Underlying the impact of these ‘disruptive’ technologies have been changes in the economics of production which have been accompanied by – or have been the consequences of – new and improved manufacturing processes. Lower cost electronic components have helped reduce end user prices and made those technologies available to a larger and more diversified audience.

It is not just the latest technologies which benefit from an improved price-point, however. Getting the price right for a ‘solution’ which has been around for a decade or more can suddenly transform an application from one that is accessible only by users with bottomless pockets, to just another device in the business toolbox.

Video imaging is a case in point. LED screens are established features at large scale events such as sporting fixtures and pop concerts; the scale of the application justifying the cost of manufacture and installation. The economics of building LED panels, however, precluded this technology from use at smaller scale ‘community’ events where the inherent flexibility of the medium had a potentially huge but unrealisable future in communications to many different audiences.

The business model changed quickly when developers in the Far East started producing LED display panels at a much lower price than in Europe.

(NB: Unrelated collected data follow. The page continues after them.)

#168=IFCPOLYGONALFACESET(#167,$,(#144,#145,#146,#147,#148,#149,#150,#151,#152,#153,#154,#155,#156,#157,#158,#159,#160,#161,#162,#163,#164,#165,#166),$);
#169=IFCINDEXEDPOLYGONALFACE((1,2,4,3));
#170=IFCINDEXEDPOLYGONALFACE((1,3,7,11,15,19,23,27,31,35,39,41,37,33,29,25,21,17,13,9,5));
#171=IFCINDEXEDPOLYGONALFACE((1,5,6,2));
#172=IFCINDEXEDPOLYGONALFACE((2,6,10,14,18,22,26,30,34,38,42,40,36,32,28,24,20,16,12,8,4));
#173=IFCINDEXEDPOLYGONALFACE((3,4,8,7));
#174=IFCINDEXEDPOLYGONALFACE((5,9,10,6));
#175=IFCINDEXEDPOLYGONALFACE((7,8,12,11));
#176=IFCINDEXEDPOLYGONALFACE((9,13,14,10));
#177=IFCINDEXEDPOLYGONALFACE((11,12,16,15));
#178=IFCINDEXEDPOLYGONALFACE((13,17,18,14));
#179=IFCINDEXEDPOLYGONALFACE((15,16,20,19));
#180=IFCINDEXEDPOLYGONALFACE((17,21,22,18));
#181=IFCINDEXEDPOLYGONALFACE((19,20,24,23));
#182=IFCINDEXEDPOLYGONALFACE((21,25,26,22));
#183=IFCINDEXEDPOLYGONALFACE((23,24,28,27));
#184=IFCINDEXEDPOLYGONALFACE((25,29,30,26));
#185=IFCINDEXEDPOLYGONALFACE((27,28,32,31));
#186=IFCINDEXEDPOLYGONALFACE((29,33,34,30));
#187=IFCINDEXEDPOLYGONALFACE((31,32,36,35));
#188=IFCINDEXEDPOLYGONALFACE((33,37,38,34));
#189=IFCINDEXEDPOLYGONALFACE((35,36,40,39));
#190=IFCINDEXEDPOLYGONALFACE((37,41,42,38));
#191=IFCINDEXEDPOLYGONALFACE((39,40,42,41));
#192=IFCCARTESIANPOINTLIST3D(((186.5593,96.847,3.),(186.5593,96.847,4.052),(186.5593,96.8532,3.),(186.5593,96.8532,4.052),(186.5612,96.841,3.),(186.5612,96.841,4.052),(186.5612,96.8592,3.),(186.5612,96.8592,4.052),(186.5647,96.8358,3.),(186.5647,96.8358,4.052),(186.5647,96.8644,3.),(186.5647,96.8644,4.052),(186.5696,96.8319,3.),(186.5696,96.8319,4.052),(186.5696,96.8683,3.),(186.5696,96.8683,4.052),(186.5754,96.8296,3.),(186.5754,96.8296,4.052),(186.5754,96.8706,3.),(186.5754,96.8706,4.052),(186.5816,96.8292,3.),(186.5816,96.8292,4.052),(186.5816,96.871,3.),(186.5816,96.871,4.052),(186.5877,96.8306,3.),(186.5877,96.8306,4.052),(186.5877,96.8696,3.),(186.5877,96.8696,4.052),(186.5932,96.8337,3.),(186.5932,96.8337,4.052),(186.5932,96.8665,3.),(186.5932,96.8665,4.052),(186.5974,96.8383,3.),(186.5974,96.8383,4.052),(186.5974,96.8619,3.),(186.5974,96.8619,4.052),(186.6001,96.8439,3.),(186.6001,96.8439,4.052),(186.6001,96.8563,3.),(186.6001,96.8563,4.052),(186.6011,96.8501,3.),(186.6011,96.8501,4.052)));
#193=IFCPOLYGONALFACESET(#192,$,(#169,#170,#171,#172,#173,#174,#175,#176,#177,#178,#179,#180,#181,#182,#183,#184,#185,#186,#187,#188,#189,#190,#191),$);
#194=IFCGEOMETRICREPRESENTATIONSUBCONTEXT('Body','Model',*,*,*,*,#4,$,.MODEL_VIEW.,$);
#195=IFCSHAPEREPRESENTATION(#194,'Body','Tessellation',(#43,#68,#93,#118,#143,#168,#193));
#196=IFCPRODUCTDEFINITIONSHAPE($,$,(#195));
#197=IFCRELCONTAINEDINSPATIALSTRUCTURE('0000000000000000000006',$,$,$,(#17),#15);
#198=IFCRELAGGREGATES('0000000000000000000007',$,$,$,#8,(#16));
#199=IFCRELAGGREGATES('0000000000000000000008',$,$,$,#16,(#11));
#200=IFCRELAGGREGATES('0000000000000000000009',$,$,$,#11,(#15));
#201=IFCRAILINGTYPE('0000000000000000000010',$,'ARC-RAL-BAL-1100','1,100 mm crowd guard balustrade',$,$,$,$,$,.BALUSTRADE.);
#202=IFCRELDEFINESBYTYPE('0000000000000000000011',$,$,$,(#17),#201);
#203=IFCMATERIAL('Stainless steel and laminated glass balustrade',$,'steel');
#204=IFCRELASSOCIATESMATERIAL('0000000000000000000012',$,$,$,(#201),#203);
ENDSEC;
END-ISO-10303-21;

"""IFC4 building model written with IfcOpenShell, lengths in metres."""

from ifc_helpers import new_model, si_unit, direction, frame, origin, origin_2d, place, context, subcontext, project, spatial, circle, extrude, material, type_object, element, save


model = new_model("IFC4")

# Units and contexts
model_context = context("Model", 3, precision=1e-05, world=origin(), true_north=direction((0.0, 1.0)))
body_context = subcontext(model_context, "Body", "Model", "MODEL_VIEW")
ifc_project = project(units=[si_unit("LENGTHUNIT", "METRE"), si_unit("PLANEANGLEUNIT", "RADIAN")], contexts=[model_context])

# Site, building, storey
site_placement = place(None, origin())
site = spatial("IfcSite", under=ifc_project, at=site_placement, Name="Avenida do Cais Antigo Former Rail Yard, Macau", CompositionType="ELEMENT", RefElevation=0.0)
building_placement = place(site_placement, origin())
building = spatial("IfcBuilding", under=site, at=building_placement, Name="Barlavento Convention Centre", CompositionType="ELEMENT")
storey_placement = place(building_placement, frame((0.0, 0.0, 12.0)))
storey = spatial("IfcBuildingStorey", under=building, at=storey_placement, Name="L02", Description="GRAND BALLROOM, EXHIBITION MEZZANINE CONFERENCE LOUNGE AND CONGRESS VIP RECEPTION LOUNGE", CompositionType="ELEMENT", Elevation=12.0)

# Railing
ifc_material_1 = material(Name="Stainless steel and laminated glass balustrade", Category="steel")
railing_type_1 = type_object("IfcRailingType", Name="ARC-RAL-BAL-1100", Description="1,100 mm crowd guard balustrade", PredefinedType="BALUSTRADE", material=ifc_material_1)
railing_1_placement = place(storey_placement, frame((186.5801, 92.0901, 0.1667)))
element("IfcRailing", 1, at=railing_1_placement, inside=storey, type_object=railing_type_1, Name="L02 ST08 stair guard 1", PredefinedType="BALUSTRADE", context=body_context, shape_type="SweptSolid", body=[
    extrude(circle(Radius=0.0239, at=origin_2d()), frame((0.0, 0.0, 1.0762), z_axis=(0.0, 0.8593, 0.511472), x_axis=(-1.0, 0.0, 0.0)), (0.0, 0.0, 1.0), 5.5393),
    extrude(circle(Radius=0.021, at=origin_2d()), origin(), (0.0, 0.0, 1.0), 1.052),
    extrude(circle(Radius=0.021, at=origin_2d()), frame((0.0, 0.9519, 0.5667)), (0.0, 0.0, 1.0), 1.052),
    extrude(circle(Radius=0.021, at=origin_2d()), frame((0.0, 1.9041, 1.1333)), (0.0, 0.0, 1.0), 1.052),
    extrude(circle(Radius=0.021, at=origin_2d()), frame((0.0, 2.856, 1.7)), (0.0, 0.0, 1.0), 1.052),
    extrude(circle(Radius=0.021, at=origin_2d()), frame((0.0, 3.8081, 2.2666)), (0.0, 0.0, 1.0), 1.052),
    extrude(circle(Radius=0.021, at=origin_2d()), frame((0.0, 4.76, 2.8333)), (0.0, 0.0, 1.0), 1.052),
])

Taking large LED screens into new market areas

One company in the West Midlands was already in the entertainment and media sector and had identified the revenue-earning applications for video panels. It had purchased a single large-format LED screen which it was using for events. While mobile, it was nonetheless unwieldy to move between venues.

What the directors of the business had identified was the need for an LED system that could be re-configured for almost any size of ‘community application’, from perhaps one metre across right up to ten metres – and in configurations that could be changed to suit the application.

Multiple panels would fit together like a collection of dominoes; the image on each panel under software control to present a coherent image across the display. Whatever the merits might be of being able to create a solution to fit any given application, there was the benefit that the display area could be broken down into rectangular panels that did not require a furniture van to move them between sites.

The cost of LED display panels manufactured in China may have fallen but the company still had to to import a consignment of panels and integrate them with the controllers in the UK. It had successfully sought the backing of BCRS Business Loans, the specialist lender serving the West Midlands. But making the stage payments to the manufacturer and covering the cost of transporting the panels to the UK was outside the remit of BCRS. It sought the co-operation of Trade & Export Finance which has had considerable success in financing the purchase and importation of stock and materials for other clients and has collaborated with BCRS on a number of deals involving SMEs in the region.

Constructive approach to funding assists UK client

Agreement was reached between the UK promotions company, BCRS and UK EXIM Finance, one of the finance specialists within the TAEFL organisation. UK EXIM Finance agreed to pay for the purchase and importation of ten LED panels. Once these were in the UK, the finance team was able to invoice BCRS and recover the funds it had provided. The $20,000 involved was then part of the amount loaned by BCRS to its LED screen client.

In the bigger picture of international trade finance, that $20,000 is not a large sum. But without that purchasing facility from within TAEFL, BCRS would not have been in a position to provide its client with a medium term loan to take the business forward, and a demonstrably sound commercial idea could not have been turned into a revenue stream. It illustrates how a comparably small amount of funding can have a multiplier effect many times greater.